Here's another big failure.  Farming.  Late in a previous season, a lady who's written to be smart draws a fanciful map of her lands being turned to wheat and other crops.  By "written to be smart," I mean that she knows exactly as much about farming as the writers who made her waste her final moments of life.  The kind of farming that can feed hundreds and makes life easy is going to require thousands of acres.  Fertilizers need to be applied or lived without.  The same for pesticides.   And this farmstead needs impossible walls that can't be breached by walkers or by humans.  No, if I was in charge of rebuilding agriculture, we'd do it like the Native Americans on the high plains.  Plant tough crops and move on.  Then come back again at harvest time.  A large sloppy technique, and your wheat would get raided.  But potatoes are hard to find, and on a substantial scale, those white gems would help feed hundreds.

The list of complaints continues, and plainly I watched too many seasons before quitting.

For instance, where can I buy a car that can sit for years and start with a turn of the key?  And how can any abandoned car still have air in its tires?  And for that matter, why hasn't the gasoline evaporated down to varnish inside the unused fuel lines?

Why in hell are the cities still standing?  Abandoned buildings practically want to burn; Atlanta and Washington DC should have turned to pillars of smoke and heavy falls of ash.  And the countryside wouldn't be spared.  Living and dead mouths have eaten every deer and presumably most of the mice.  That's why the underbrush would grow up thick, waiting for the next lightning strike and the resulting wildfire.

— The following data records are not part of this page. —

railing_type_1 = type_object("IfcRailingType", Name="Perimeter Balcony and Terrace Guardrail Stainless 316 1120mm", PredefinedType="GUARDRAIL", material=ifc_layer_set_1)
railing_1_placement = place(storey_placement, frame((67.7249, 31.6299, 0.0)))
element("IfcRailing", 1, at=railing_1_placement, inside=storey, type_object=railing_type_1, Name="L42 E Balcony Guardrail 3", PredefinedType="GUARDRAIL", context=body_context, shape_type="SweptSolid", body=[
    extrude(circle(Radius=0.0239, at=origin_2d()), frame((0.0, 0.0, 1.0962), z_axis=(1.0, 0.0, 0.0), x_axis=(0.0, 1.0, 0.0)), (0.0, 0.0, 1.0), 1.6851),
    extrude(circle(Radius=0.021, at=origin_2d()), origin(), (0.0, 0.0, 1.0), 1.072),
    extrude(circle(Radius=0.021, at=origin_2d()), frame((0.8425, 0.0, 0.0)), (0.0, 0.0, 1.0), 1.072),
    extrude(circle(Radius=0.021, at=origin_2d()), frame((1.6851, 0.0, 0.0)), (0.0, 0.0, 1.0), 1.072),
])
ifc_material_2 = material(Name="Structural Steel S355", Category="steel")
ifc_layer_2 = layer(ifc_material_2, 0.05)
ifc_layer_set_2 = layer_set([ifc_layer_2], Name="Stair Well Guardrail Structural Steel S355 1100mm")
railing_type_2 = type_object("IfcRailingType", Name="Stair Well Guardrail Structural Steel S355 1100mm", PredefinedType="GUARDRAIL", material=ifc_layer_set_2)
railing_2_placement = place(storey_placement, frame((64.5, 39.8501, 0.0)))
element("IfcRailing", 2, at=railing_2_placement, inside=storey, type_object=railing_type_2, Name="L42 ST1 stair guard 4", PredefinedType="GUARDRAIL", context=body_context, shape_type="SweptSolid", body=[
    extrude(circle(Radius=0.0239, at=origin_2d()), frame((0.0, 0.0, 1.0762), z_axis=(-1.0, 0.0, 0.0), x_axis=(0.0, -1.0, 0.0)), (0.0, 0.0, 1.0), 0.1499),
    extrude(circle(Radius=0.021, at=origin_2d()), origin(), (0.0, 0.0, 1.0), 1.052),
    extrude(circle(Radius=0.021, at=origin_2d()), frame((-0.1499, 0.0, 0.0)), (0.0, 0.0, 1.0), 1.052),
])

And now back to the daily business about avoiding starvation:  Insects should be on the regular diet.  Cicadas are a time of wealth.  And think of every funeral from this series.  Having life experience when it comes to digging holes, I know there's treasure in the ground, and the mourners aren't going to hesitate grabbing up the night crawlers, then sucking them down like pasta.

Finally, why doesn't anyone ask the obvious questions about this impossible disease?  Not that there's any virus or bacterium that can turns corpses into slow forces of nature.  I'm not saying that an origin should be found, or that the ultimate cure needs to be perfected.  I'm just proposing that smart people who dream about three acres of wheat might be more likely to spend time and risk death trying to make sense of a world-ending plague.

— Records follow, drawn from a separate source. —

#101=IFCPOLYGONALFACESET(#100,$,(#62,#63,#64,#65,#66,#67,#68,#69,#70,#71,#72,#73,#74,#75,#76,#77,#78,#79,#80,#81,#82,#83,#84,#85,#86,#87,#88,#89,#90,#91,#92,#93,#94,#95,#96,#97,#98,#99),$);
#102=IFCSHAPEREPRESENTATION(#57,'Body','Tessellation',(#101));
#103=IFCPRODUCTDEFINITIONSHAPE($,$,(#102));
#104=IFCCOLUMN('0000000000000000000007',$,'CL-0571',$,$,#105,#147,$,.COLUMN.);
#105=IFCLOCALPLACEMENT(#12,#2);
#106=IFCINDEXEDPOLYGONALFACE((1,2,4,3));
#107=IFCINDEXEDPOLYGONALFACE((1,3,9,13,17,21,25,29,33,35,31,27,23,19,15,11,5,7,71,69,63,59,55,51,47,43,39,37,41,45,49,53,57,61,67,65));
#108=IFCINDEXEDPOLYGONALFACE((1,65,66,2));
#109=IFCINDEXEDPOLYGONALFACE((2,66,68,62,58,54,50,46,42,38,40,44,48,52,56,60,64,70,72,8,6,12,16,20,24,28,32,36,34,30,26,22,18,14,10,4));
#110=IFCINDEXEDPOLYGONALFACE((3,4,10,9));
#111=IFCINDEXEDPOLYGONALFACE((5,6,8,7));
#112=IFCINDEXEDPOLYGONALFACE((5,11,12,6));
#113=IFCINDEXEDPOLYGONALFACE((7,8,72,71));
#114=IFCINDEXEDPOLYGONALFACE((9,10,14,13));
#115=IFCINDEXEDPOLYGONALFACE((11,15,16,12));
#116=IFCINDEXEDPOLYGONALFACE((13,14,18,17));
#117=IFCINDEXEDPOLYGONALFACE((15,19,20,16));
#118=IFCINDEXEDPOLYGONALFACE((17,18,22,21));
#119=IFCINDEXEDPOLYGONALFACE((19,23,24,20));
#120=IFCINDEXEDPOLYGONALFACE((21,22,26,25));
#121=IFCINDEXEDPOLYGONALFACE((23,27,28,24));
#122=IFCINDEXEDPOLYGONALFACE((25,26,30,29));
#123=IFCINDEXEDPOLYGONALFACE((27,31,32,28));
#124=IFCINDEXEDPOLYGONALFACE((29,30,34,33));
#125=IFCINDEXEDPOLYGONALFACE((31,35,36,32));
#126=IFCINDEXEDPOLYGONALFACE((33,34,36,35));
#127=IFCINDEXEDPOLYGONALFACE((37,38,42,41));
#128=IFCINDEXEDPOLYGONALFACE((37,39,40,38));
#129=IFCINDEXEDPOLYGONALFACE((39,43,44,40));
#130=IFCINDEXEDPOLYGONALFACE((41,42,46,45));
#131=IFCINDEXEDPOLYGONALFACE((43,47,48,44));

For some of these problems, there is an answer.  It's my writer's answer, assuming that I was hired to help find a suitable end for the shuffling the Dead.  We know everybody is infected.  We know because Rick learned that from a CDC doctor and then didn't mention it to anybody for a very long time.  Because he's a sensitive leader, I suppose, and he didn't want his people getting depressed.  Or for whatever other reason there is.  But what if it isn't just that Rick is infected, and Carol is infected, and one-eyed Carl too?  What if everybody who appears alive is not.  Our characters are already a little bit of a zombie, stupid and primal and at a loss to find answers.  Which has a historical precedent, as if happens.  A 19th century British venture, the Franklin expedition to the map the Northwest Passage, was lost.  And by lost, I mean that everyone died, and some died doing very curious nonsense.  For instance, after their ships were locked into ice, when they had no choice but to walk, they dragged a piano with them.  And why?  One factor was that this state-of-the-art mission that carried canned food, and the cans were improperly soldered.  As a result, everyone was suffering from lead poisoning.  Which is rather like a universe of full of walkers and foolish people who haven't quite turned yet.

Now that would be a very tragic turn inside a story that otherwise makes zero sense.

And sure, I'm fired.  But with my last paycheck, I hope.